J'étais plutôt réticent au début à mener des auditions publiques. Finalement, je ne le regrette pas. Cela a été bénéfique pour le Sénat, car nous avons oublié que nous étions filmés et fait notre travail comme d'habitude. Nous avons ainsi donné à voir notre mode de fonctionnement, où chacun se respecte, tout en approfondissant les sujets.
Je tiens à vous dire toute la joie que je savoure lorsque je reçois des messages de félicitations de députés qui ignoraient le travail du Sénat ou le traitaient avec condescendance.
Ma première question concerne la séparation des pouvoirs. Nous avons appris que M. Benalla, comme d'autres conseillers, possédait un badge lui donnant accès à l'Assemblée nationale, pour prendre contact avec des députés, organiser des déplacements, etc.

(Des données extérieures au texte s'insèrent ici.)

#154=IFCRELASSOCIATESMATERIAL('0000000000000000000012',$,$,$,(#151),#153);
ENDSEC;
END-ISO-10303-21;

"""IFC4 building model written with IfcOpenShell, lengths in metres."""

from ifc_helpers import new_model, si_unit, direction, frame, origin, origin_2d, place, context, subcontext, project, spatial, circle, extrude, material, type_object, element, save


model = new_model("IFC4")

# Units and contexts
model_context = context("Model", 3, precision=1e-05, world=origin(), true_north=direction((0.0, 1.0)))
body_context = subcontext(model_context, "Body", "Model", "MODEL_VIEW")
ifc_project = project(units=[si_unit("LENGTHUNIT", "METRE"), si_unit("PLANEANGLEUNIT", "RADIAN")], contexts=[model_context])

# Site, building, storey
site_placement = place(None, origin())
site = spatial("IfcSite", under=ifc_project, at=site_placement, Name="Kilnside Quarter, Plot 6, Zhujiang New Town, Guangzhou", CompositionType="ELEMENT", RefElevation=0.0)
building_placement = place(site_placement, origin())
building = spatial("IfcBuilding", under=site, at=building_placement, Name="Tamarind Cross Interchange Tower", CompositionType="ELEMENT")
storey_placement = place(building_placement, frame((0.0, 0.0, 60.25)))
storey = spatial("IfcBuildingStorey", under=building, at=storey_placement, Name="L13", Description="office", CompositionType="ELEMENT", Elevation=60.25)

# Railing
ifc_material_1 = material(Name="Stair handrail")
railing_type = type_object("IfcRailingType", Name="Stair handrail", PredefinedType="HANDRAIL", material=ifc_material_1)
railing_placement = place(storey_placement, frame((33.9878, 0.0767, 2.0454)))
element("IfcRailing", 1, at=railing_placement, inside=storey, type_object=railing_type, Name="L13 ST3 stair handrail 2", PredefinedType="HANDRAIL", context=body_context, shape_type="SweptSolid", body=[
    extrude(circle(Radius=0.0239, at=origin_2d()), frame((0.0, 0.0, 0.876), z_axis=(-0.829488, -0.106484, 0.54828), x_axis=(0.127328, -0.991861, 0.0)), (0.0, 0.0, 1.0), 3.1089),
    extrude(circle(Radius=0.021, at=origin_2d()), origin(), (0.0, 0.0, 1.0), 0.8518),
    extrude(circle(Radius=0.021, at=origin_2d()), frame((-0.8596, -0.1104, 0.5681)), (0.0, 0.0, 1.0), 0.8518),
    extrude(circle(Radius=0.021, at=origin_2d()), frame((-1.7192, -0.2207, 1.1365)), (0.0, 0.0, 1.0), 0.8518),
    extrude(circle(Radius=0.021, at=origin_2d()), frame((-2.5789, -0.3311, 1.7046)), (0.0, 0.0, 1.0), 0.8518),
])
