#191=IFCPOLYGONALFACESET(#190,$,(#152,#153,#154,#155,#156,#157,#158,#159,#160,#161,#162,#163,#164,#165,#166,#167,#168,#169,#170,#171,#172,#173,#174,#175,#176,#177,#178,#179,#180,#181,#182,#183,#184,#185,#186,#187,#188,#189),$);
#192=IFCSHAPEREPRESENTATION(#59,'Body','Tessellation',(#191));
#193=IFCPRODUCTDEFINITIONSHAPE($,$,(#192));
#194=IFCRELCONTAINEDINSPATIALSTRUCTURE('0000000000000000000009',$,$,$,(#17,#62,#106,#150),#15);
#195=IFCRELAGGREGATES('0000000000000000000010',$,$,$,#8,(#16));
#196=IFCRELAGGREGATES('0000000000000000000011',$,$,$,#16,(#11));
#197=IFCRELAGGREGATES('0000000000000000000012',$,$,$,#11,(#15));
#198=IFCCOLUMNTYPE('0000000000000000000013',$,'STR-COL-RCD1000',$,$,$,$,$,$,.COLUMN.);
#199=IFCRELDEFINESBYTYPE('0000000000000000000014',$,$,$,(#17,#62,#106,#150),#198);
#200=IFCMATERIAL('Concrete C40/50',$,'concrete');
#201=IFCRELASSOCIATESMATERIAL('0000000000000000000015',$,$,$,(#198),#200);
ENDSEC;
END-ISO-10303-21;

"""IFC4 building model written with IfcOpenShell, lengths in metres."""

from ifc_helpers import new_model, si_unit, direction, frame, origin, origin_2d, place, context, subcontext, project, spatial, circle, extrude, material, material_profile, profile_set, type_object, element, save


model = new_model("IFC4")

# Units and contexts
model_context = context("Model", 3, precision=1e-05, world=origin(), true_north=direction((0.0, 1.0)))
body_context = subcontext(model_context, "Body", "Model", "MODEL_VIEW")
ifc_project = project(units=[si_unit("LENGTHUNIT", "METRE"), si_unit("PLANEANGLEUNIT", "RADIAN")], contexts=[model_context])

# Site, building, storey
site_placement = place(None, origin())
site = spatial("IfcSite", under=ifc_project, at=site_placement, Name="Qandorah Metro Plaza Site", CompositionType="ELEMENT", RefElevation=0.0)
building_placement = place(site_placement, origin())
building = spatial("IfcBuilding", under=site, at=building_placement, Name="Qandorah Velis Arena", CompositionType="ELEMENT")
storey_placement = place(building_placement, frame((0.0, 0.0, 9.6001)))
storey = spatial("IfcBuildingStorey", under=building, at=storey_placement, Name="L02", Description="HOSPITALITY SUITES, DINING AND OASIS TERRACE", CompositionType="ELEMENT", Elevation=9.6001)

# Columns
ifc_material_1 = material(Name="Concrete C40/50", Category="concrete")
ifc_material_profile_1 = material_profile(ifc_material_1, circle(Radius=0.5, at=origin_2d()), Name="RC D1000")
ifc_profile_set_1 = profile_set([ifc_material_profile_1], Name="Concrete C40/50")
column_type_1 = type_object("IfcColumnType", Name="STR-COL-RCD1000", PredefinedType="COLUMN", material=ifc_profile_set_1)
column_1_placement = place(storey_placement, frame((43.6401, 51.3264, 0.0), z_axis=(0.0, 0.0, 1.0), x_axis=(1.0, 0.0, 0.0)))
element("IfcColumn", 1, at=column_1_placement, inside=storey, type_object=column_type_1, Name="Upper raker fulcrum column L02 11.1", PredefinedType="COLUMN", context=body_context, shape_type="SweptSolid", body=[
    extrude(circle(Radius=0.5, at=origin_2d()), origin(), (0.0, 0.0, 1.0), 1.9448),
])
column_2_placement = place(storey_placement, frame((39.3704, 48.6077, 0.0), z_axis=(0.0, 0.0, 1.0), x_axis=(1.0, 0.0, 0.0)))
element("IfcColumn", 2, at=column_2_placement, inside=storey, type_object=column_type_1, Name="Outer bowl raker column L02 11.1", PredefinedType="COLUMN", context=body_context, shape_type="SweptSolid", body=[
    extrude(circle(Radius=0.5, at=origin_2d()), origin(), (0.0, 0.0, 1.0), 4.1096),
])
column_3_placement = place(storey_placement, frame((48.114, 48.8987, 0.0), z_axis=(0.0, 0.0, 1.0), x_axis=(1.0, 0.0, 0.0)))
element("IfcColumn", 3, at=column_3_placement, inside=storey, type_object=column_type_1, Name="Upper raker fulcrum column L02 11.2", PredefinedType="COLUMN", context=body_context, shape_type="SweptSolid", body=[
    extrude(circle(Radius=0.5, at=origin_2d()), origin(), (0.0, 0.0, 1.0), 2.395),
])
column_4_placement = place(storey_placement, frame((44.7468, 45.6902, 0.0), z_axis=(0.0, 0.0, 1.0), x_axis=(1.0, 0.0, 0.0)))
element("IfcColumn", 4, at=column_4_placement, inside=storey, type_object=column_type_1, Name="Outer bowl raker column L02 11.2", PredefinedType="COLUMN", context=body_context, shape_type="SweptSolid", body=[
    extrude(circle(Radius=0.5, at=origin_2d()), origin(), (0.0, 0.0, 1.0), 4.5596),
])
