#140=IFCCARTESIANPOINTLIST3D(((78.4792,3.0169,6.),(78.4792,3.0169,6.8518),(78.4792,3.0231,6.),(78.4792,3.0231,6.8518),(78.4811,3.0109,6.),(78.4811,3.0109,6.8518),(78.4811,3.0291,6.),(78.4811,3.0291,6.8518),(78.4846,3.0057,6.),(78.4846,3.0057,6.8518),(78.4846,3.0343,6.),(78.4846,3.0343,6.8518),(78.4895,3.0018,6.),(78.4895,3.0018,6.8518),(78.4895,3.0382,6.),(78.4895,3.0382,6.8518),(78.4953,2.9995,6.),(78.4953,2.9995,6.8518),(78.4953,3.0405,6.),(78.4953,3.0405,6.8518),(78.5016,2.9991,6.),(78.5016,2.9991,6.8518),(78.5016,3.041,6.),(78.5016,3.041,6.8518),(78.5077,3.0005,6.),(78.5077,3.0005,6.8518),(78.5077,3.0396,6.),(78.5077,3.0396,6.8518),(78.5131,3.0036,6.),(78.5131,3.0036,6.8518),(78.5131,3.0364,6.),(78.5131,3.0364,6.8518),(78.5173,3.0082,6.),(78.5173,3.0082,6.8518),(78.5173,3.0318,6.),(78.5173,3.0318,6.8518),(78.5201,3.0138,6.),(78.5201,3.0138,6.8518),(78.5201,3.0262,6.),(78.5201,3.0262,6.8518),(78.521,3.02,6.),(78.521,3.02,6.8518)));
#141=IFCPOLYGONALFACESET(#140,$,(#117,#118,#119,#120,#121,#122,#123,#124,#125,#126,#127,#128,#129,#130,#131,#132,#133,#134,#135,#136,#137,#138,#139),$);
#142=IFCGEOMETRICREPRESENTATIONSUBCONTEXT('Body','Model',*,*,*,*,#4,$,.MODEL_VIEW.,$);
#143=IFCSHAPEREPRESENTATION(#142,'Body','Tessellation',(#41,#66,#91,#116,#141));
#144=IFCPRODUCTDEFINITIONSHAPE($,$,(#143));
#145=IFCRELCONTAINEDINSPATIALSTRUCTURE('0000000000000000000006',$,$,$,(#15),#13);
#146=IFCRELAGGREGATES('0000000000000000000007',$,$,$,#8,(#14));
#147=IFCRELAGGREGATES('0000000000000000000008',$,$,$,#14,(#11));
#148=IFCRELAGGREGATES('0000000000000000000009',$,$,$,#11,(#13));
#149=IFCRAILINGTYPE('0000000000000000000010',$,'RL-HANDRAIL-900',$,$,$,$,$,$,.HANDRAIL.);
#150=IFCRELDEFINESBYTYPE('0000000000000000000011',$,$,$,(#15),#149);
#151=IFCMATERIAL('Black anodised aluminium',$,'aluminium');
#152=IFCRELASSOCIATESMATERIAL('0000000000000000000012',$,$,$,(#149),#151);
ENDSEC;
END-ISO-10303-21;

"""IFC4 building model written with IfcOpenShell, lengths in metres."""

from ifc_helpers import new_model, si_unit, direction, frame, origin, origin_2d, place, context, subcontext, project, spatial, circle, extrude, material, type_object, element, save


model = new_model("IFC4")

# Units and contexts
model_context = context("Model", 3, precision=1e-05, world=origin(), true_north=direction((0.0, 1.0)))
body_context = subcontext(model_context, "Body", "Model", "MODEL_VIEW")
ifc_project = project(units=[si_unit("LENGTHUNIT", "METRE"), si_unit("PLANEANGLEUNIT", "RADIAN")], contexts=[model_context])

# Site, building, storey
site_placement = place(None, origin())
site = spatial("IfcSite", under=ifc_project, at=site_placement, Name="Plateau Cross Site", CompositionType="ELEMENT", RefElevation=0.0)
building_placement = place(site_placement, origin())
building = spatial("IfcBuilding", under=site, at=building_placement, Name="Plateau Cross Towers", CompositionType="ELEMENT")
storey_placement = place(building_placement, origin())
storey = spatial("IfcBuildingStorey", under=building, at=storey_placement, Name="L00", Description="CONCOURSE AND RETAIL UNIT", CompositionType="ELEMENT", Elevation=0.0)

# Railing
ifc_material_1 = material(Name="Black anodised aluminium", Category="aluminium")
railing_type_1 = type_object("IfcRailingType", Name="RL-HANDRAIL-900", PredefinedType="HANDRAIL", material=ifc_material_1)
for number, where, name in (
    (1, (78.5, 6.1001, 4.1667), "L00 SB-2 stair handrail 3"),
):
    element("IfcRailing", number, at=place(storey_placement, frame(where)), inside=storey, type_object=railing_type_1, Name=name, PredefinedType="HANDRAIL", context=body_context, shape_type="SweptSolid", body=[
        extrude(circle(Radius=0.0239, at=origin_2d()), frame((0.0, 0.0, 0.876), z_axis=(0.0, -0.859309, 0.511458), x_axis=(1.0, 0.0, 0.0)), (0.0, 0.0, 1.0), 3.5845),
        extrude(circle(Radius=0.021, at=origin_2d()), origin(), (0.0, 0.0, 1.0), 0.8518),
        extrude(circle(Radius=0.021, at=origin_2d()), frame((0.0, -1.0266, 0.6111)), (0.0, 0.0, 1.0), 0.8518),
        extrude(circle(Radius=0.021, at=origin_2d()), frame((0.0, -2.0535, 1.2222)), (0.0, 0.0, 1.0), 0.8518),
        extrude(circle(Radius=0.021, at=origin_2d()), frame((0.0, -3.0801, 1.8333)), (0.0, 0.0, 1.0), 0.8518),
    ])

Était-ce justifié au regard de ses missions, même si, plus l'on avance dans les investigations, plus les missions de M. Benalla semblent larges ? La présidence de la République dispose de conseillers en charge des relations avec le Parlement. Est-il justifié que tous les conseillers puissent disposer d'un tel badge ?
Certains collaborateurs du Président de la République sont bien connus. Leur nom est publié au Journal officiel, avec leurs prérogatives. Mais la présidence compte aussi des chargés de mission, qui ne figurent nulle part. Nous avons obtenu qu'ils soient obligés de déposer une déclaration d'intérêts et de patrimoine. C'est le minimum ! Il serait bon aussi que nous connaissions clairement les missions des uns et des autres.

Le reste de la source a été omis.